# Will this help me maximise my potential gains?



## lialwarrior (15 Feb 2008)

I have a lump sum of €50,000. I will need access to this money in 12 -18 months, so in the mean time I was thinking of the following;

Open 3 FA eSavings accounts (1 in both of our individual names and a joint account) and deposit €14900 in each @5.22% AER. At the same time open 3 FA Regular Savings accounts (again 1 in both of our individual names and a joint account) and deposit €1000 in each at 7.15% AER.

Then the theory would be to transfer €1000 into each of the Regular Savings accounts on a monthly direct debit basis from the eSavings accounts. 

I understand I would need to setup multiple direct debits, but by doing this am I maximising my potential gain or am I missing something glaringly obvious?


----------



## Slim (15 Feb 2008)

I think you will find that if you drip feed into the 7+% accs, from an account that pays more than 3.4% pa you will, in effect be losing money or at best making no gain. I calculated that t/f to Reg savings accs. at 7% equated to annual rate of 3.32%. Rabo and Northern Rock will give more than that.

Slim


----------



## Freddie (15 Feb 2008)

Slim I have a no. of reg saver a/c's set up and a few 5% deposit a/c's aswell. Am i better off lodging money to my deposit a/c's each month?


----------



## ClubMan (15 Feb 2008)

Slim said:


> I think you will find that if you drip feed into the 7+% accs, from an account that pays more than 3.4% pa you will, in effect be losing money or at best making no gain. I calculated that t/f to Reg savings accs. at 7% equated to annual rate of 3.32%. Rabo and Northern Rock will give more than that.
> 
> Slim


This is not true. Drip feeding from a 5.22% account into a 7% account will earn more than just leaving the money on deposit at 5.22%. You are not comparing like with like when you compare the total annual return on 12 monthly drip feeding lodgements against the same money on deposit for 12 months.

For example - if I have €12K and leave it on deposit at 5.22% then I earn €626.40 gross or €501 net of _DIRT_.
Say I make a single lodgement of €1K to a 7% account and then stop. That means that I get €11K @ 5.22% = €574.2 and €1K @ 7% = €70 which is €644.20 gross or €515.36 net. 

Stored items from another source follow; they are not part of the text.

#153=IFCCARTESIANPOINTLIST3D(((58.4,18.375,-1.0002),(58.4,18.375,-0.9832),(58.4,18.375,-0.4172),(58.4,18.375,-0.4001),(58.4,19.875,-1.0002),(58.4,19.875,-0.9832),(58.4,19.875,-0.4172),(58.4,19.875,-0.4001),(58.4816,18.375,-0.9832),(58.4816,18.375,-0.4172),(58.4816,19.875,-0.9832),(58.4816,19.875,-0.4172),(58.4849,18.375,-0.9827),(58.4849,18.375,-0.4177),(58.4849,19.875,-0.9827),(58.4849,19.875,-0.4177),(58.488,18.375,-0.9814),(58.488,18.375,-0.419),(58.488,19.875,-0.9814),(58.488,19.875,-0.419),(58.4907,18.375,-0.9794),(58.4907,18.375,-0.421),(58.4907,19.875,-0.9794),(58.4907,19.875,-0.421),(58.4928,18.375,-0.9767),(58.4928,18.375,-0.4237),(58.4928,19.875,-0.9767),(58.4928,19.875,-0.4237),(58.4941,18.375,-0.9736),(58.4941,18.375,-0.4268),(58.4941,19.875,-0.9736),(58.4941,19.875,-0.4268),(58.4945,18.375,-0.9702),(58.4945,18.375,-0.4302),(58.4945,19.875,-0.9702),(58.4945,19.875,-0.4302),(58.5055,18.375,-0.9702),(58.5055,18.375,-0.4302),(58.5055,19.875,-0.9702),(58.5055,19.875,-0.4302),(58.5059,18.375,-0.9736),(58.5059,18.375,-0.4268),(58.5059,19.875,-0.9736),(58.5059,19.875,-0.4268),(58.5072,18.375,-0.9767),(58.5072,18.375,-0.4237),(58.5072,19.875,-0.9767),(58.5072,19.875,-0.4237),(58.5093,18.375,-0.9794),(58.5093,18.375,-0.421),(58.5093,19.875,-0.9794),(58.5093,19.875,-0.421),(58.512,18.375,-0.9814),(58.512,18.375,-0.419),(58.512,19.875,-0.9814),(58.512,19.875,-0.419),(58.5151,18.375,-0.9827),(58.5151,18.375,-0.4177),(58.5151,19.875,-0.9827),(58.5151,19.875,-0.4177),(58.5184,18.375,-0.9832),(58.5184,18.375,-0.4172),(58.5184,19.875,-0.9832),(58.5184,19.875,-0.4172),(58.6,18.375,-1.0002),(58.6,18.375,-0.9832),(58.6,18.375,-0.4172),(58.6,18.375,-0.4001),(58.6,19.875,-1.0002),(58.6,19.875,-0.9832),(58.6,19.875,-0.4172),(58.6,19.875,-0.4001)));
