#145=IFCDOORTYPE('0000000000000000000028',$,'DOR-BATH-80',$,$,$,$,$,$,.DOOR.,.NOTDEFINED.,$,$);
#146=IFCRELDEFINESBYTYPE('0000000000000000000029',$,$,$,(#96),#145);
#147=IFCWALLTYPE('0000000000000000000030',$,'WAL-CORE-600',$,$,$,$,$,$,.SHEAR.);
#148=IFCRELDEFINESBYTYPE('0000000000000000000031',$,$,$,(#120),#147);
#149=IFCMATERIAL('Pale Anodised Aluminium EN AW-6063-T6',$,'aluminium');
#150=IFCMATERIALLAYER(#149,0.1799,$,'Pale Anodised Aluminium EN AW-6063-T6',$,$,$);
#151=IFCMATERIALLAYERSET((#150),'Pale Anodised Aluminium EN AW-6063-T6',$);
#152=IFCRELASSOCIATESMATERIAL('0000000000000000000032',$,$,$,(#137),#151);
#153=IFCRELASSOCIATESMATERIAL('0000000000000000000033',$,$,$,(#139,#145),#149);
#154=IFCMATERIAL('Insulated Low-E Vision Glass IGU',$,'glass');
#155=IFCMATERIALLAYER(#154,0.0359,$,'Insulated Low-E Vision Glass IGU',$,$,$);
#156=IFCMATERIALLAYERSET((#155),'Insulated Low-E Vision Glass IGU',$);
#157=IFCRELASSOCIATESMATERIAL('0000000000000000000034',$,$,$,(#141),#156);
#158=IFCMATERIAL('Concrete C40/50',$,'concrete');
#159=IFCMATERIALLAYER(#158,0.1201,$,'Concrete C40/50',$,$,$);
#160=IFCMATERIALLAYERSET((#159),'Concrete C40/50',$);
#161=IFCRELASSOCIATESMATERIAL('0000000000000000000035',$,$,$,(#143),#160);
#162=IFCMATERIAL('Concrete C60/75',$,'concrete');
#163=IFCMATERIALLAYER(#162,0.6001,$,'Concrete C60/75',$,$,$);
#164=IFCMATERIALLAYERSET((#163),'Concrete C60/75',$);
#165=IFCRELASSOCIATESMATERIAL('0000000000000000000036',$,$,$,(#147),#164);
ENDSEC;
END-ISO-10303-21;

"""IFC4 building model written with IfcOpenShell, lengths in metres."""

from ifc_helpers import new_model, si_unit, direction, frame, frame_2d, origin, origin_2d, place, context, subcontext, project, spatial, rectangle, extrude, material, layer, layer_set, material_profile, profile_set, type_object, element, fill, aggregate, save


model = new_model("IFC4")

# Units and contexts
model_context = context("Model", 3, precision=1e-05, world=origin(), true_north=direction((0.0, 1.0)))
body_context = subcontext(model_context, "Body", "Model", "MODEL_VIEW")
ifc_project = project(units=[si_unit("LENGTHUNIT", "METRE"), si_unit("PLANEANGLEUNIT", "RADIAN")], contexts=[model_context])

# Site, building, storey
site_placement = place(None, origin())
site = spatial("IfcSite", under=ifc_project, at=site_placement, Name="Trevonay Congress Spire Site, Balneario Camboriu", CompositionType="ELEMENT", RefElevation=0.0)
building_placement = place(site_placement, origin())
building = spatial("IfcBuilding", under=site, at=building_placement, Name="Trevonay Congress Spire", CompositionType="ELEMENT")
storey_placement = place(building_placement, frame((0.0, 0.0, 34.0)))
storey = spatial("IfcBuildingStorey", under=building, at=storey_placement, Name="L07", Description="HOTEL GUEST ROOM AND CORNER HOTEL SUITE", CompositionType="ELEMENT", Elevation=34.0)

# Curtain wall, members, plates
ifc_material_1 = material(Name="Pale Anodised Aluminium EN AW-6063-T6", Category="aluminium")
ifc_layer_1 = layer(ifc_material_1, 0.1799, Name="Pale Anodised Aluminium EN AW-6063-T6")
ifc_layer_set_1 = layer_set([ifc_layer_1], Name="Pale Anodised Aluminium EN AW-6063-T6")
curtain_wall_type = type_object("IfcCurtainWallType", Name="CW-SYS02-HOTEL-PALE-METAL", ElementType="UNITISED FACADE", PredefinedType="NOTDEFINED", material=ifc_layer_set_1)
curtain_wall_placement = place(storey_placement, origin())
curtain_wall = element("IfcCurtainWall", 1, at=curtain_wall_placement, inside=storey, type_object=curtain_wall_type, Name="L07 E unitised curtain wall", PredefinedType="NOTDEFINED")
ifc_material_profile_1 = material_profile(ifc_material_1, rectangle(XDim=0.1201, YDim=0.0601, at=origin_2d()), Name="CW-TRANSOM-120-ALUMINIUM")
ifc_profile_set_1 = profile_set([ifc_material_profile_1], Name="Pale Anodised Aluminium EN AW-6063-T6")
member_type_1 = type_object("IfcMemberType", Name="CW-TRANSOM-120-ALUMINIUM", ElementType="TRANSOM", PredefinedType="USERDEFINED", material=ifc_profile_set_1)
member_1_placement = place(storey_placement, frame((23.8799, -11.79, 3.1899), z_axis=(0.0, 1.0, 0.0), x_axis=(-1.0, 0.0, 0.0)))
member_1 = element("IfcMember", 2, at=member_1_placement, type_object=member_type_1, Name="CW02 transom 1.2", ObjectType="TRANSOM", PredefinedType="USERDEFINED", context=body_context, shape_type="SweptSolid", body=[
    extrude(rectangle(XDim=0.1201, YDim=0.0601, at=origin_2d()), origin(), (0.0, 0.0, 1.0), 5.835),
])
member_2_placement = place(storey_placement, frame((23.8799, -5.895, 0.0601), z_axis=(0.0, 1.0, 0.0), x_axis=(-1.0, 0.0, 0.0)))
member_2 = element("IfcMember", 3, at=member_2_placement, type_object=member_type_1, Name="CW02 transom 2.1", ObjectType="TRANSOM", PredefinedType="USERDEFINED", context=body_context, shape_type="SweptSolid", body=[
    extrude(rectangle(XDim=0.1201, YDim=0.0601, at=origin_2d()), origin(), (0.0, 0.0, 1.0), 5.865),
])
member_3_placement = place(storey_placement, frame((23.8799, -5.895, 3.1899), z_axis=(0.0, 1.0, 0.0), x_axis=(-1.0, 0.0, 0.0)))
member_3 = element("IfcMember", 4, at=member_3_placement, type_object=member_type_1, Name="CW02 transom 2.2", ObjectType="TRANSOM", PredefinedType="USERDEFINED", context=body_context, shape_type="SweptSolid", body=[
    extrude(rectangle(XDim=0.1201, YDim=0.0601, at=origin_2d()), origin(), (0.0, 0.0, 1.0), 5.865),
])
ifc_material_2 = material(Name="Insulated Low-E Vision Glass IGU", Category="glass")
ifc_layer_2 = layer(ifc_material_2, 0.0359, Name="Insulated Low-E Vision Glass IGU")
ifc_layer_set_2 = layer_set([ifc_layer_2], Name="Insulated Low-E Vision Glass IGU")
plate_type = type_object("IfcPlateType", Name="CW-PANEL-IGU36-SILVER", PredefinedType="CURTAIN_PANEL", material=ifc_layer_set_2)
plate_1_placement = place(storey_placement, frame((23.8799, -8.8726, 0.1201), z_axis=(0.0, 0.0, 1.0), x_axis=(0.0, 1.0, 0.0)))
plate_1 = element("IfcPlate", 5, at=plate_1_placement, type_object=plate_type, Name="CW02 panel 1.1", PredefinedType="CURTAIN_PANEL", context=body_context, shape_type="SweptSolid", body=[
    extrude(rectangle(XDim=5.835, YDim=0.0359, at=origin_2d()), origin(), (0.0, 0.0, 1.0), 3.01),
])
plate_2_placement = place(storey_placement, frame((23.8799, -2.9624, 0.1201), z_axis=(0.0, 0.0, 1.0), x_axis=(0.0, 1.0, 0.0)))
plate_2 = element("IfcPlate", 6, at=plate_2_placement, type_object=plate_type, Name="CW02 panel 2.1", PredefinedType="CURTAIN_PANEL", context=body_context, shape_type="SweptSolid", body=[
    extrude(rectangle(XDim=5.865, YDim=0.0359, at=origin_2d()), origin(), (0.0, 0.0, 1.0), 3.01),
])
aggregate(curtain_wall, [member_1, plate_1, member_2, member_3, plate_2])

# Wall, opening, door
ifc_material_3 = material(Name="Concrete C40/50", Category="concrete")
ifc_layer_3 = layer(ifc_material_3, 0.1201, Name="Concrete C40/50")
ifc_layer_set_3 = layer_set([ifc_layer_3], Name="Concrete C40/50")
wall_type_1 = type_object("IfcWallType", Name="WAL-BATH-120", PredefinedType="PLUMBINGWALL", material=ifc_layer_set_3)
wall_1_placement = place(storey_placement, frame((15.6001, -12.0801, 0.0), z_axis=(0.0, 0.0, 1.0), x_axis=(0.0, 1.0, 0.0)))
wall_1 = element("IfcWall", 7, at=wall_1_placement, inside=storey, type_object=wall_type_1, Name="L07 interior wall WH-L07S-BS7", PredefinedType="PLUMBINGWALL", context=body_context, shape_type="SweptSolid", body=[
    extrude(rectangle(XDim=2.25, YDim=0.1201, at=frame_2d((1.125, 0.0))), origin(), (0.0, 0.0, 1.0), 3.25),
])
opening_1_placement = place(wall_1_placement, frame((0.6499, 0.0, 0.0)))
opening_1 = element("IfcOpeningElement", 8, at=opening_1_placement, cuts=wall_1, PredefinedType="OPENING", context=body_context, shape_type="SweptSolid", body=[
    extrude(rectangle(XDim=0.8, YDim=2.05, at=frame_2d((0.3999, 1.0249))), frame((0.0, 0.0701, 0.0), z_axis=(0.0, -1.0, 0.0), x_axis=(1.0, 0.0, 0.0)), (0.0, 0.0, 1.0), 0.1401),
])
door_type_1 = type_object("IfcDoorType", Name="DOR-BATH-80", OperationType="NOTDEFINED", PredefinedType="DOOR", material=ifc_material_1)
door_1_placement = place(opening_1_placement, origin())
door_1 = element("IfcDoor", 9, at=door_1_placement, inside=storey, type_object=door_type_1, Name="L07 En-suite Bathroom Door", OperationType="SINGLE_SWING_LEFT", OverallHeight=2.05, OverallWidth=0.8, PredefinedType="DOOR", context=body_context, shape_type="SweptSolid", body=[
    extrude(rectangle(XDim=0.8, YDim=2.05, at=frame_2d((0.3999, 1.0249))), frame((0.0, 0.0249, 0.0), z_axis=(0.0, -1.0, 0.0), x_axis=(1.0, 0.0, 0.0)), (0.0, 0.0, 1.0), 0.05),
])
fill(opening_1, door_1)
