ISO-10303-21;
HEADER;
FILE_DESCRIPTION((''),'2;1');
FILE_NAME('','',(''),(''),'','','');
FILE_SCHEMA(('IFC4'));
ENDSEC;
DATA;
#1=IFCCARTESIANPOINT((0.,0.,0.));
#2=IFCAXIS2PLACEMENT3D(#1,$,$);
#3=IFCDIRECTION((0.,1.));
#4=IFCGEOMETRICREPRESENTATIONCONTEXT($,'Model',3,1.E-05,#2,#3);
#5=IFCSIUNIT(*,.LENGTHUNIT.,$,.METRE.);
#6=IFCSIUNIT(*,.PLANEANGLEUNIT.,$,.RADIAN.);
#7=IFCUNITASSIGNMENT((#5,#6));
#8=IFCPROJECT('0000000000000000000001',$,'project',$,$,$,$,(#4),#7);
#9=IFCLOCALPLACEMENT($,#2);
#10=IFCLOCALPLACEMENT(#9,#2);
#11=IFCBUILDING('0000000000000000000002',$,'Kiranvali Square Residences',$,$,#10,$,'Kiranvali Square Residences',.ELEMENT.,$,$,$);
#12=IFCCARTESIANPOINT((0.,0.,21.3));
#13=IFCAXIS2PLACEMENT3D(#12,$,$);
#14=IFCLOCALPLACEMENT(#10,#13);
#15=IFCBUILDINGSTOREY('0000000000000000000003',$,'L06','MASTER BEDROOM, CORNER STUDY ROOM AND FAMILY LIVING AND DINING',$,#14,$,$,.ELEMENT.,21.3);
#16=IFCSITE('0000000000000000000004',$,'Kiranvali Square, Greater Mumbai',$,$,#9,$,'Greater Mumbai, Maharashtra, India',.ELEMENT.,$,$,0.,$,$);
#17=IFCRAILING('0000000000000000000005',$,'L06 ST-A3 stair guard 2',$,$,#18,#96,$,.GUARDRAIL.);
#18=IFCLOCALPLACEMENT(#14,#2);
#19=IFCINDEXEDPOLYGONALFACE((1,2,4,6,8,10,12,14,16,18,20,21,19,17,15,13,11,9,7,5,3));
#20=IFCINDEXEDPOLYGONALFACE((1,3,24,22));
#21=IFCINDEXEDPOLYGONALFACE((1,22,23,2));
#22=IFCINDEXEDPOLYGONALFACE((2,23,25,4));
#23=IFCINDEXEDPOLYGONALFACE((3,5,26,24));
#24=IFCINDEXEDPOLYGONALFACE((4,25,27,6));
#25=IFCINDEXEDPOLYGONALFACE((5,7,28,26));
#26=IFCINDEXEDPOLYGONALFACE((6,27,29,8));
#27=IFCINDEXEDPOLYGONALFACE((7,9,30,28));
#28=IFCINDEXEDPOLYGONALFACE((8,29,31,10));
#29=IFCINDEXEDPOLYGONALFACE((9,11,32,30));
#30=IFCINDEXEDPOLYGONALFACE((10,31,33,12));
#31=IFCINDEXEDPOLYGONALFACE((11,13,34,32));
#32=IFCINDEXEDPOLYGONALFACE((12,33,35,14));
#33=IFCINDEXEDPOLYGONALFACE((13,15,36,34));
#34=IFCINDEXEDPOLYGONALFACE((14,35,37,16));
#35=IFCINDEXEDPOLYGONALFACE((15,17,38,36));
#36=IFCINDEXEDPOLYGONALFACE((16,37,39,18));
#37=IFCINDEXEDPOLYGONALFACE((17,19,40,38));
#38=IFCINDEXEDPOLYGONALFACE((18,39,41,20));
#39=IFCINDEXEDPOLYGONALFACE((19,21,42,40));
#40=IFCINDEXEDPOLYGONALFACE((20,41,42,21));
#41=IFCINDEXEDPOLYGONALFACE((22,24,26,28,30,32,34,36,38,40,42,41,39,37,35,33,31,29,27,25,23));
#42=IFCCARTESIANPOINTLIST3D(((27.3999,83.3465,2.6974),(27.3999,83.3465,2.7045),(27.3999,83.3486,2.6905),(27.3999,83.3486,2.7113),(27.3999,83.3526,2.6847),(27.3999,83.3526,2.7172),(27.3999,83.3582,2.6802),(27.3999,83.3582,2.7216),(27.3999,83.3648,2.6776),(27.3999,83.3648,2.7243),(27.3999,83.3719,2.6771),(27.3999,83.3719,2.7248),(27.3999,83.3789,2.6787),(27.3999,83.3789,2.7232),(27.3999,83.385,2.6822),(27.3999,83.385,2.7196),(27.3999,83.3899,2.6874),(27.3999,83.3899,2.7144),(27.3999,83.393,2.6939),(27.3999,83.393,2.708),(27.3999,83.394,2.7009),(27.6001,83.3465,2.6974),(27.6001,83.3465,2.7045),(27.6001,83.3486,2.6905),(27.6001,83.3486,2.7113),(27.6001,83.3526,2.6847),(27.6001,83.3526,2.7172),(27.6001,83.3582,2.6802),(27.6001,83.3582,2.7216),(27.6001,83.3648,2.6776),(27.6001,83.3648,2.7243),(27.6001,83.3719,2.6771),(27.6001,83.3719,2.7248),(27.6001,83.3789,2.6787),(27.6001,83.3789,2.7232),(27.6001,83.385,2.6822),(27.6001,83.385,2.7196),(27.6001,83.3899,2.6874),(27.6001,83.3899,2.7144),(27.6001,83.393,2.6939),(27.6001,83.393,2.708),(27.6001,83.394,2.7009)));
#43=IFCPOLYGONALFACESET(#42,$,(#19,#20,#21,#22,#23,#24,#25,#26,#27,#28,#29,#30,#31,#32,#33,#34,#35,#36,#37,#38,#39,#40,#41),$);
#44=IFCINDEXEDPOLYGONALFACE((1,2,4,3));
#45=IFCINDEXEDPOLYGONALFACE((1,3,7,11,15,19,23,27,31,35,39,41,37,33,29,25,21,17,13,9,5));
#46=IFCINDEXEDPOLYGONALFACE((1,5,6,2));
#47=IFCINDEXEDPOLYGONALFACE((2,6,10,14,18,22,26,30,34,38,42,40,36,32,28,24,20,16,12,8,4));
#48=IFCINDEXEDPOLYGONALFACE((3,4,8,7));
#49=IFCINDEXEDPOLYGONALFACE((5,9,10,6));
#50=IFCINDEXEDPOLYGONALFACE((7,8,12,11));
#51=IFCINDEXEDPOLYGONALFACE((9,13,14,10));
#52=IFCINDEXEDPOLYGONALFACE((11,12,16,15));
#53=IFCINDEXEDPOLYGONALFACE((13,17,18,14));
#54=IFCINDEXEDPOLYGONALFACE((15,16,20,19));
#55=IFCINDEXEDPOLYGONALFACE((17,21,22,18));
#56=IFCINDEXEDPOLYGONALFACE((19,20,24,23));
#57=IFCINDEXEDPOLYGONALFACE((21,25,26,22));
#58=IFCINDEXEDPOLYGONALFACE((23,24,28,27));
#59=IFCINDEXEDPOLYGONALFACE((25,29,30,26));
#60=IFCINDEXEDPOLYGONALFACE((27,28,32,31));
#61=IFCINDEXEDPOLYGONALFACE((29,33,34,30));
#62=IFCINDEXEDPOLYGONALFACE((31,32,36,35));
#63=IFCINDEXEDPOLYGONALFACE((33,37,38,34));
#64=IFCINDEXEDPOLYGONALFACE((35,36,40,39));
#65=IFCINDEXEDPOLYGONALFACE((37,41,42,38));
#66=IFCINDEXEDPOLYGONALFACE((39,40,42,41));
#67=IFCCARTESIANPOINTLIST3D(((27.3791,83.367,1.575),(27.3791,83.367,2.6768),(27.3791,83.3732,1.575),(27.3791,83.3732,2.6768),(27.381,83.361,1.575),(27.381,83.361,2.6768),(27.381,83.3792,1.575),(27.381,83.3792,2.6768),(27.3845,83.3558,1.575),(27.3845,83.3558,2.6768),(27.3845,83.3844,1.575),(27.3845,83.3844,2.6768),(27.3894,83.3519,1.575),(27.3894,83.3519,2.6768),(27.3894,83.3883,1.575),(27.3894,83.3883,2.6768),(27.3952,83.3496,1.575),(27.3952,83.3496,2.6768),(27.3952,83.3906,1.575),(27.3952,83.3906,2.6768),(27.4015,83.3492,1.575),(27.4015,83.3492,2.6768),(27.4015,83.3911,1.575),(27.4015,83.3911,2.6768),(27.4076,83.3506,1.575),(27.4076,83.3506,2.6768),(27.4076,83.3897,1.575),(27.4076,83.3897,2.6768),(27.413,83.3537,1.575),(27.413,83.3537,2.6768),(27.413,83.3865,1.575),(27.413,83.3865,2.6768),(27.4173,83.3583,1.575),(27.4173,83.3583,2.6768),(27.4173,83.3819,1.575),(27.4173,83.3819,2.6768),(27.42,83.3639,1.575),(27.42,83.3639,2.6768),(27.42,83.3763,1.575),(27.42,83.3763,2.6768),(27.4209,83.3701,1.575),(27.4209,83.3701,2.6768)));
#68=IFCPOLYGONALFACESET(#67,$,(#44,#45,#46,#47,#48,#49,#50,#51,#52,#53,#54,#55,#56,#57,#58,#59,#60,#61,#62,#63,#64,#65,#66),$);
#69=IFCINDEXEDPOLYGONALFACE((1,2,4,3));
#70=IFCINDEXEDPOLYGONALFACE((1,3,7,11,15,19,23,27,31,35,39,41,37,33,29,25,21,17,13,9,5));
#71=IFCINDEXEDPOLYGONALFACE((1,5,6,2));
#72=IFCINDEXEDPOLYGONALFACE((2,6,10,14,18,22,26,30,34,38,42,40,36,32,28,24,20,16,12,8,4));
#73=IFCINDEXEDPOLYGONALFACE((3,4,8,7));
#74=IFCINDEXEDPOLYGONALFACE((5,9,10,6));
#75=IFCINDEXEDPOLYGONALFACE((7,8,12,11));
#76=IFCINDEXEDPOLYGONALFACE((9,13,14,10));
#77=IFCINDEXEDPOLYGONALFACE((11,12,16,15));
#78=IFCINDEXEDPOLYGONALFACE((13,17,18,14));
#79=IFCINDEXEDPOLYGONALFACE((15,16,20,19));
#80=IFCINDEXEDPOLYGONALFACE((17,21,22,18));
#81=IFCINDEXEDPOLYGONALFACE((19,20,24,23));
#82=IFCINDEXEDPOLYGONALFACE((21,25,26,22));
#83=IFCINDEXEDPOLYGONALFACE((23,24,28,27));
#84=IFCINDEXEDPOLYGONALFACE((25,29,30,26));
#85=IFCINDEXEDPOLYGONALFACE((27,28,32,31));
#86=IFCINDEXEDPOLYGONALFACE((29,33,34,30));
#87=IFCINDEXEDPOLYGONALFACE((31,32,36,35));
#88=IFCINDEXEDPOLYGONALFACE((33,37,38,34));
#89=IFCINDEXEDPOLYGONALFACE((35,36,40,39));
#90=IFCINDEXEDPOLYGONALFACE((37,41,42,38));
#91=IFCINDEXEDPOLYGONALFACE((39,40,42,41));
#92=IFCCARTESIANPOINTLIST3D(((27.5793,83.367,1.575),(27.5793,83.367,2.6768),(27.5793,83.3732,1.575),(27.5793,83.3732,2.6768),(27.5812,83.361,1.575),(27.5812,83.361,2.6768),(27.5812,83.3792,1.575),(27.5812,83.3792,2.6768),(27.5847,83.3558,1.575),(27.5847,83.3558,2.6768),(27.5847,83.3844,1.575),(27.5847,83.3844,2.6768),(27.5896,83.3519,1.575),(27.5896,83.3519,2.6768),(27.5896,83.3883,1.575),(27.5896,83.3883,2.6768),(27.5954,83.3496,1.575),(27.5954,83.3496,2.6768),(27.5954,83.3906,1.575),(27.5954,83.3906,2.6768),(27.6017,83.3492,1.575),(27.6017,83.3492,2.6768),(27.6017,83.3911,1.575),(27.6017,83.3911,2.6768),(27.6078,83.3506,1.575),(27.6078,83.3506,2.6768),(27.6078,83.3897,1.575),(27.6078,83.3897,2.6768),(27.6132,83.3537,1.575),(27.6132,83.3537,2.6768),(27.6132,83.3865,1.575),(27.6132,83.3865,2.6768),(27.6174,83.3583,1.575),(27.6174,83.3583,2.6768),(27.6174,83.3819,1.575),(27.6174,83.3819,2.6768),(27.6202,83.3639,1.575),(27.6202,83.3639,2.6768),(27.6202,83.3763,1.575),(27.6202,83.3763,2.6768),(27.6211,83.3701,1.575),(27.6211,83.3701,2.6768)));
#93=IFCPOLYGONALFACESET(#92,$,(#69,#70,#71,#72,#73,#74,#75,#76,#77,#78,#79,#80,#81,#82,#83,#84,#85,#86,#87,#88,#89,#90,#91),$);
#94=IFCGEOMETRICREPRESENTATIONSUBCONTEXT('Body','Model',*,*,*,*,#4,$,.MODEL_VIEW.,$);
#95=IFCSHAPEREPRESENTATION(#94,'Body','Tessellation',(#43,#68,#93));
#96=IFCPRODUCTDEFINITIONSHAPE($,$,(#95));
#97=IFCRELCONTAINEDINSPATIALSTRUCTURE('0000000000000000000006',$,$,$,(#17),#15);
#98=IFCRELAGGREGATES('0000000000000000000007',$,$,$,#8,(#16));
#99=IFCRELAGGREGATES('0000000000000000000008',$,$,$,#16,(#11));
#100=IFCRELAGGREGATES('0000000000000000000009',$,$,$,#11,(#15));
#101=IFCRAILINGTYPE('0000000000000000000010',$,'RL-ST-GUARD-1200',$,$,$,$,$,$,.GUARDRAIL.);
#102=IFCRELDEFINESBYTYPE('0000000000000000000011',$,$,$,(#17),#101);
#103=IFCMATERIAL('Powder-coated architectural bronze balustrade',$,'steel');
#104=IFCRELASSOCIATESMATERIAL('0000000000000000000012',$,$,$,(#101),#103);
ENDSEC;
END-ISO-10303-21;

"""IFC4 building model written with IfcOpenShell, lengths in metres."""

from ifc_helpers import new_model, si_unit, direction, frame, origin, origin_2d, place, context, subcontext, project, spatial, circle, extrude, material, type_object, element, save


model = new_model("IFC4")

# Units and contexts
model_context = context("Model", 3, precision=1e-05, world=origin(), true_north=direction((0.0, 1.0)))
body_context = subcontext(model_context, "Body", "Model", "MODEL_VIEW")
ifc_project = project(units=[si_unit("LENGTHUNIT", "METRE"), si_unit("PLANEANGLEUNIT", "RADIAN")], contexts=[model_context])

# Site, building, storey
site_placement = place(None, origin())
site = spatial("IfcSite", under=ifc_project, at=site_placement, Name="Kiranvali Square, Greater Mumbai", LongName="Greater Mumbai, Maharashtra, India", CompositionType="ELEMENT", RefElevation=0.0)
building_placement = place(site_placement, origin())
building = spatial("IfcBuilding", under=site, at=building_placement, Name="Kiranvali Square Residences", LongName="Kiranvali Square Residences", CompositionType="ELEMENT")
storey_placement = place(building_placement, frame((0.0, 0.0, 21.3)))
storey = spatial("IfcBuildingStorey", under=building, at=storey_placement, Name="L06", Description="MASTER BEDROOM, CORNER STUDY ROOM AND FAMILY LIVING AND DINING", CompositionType="ELEMENT", Elevation=21.3)

# Railing
ifc_material_1 = material(Name="Powder-coated architectural bronze balustrade", Category="steel")
railing_type_1 = type_object("IfcRailingType", Name="RL-ST-GUARD-1200", PredefinedType="GUARDRAIL", material=ifc_material_1)
railing_1_placement = place(storey_placement, frame((27.3999, 83.3701, 1.575)))
element("IfcRailing", 1, at=railing_1_placement, inside=storey, type_object=railing_type_1, Name="L06 ST-A3 stair guard 2", PredefinedType="GUARDRAIL", context=body_context, shape_type="SweptSolid", body=[
    extrude(circle(Radius=0.0239, at=origin_2d()), frame((0.0, 0.0, 1.126), z_axis=(1.0, 0.0, 0.0), x_axis=(0.0, 1.0, 0.0)), (0.0, 0.0, 1.0), 0.2002),
    extrude(circle(Radius=0.021, at=origin_2d()), origin(), (0.0, 0.0, 1.0), 1.1018),
    extrude(circle(Radius=0.021, at=origin_2d()), frame((0.2002, 0.0, 0.0)), (0.0, 0.0, 1.0), 1.1018),
])

save(model, "model.ifc")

If I make two monthly lodgements then I have:

€10K @ 5.22% = €522
Second monthly lodgement on deposit at 5.22% for one month: (€1K @ 5.22%) x (1/12) = €4.35
First monthly lodgement: €1K @ 7% = €70
Second monthly lodgement: (€1K @ 7%) x (11/12) = €64.17
Total = €660.52 gross or €528.42 net.

And so on. I'm sure that there's an easier way to work it out but that's illustrative. (The actual calculations should use the monthly equivalent rate for the relevant _CAR _but the general gist should be the same).


----------



## The_Hustler (15 Feb 2008)

Slim said:


> I think you will find that if you drip feed into the 7+% accs, from an account that pays more than 3.4% pa you will, in effect be losing money or at best making no gain. I calculated that t/f to Reg savings accs. at 7% equated to annual rate of 3.32%. Rabo and Northern Rock will give more than that.
> 
> Slim



What about the money it's earning at 5.22% in the original account? You have to add the total interest it earns from each account it is in. i.e. an amount that's drip fed after 6 months has spent six months earning 5.22% and will spend the next six months earning 7+%.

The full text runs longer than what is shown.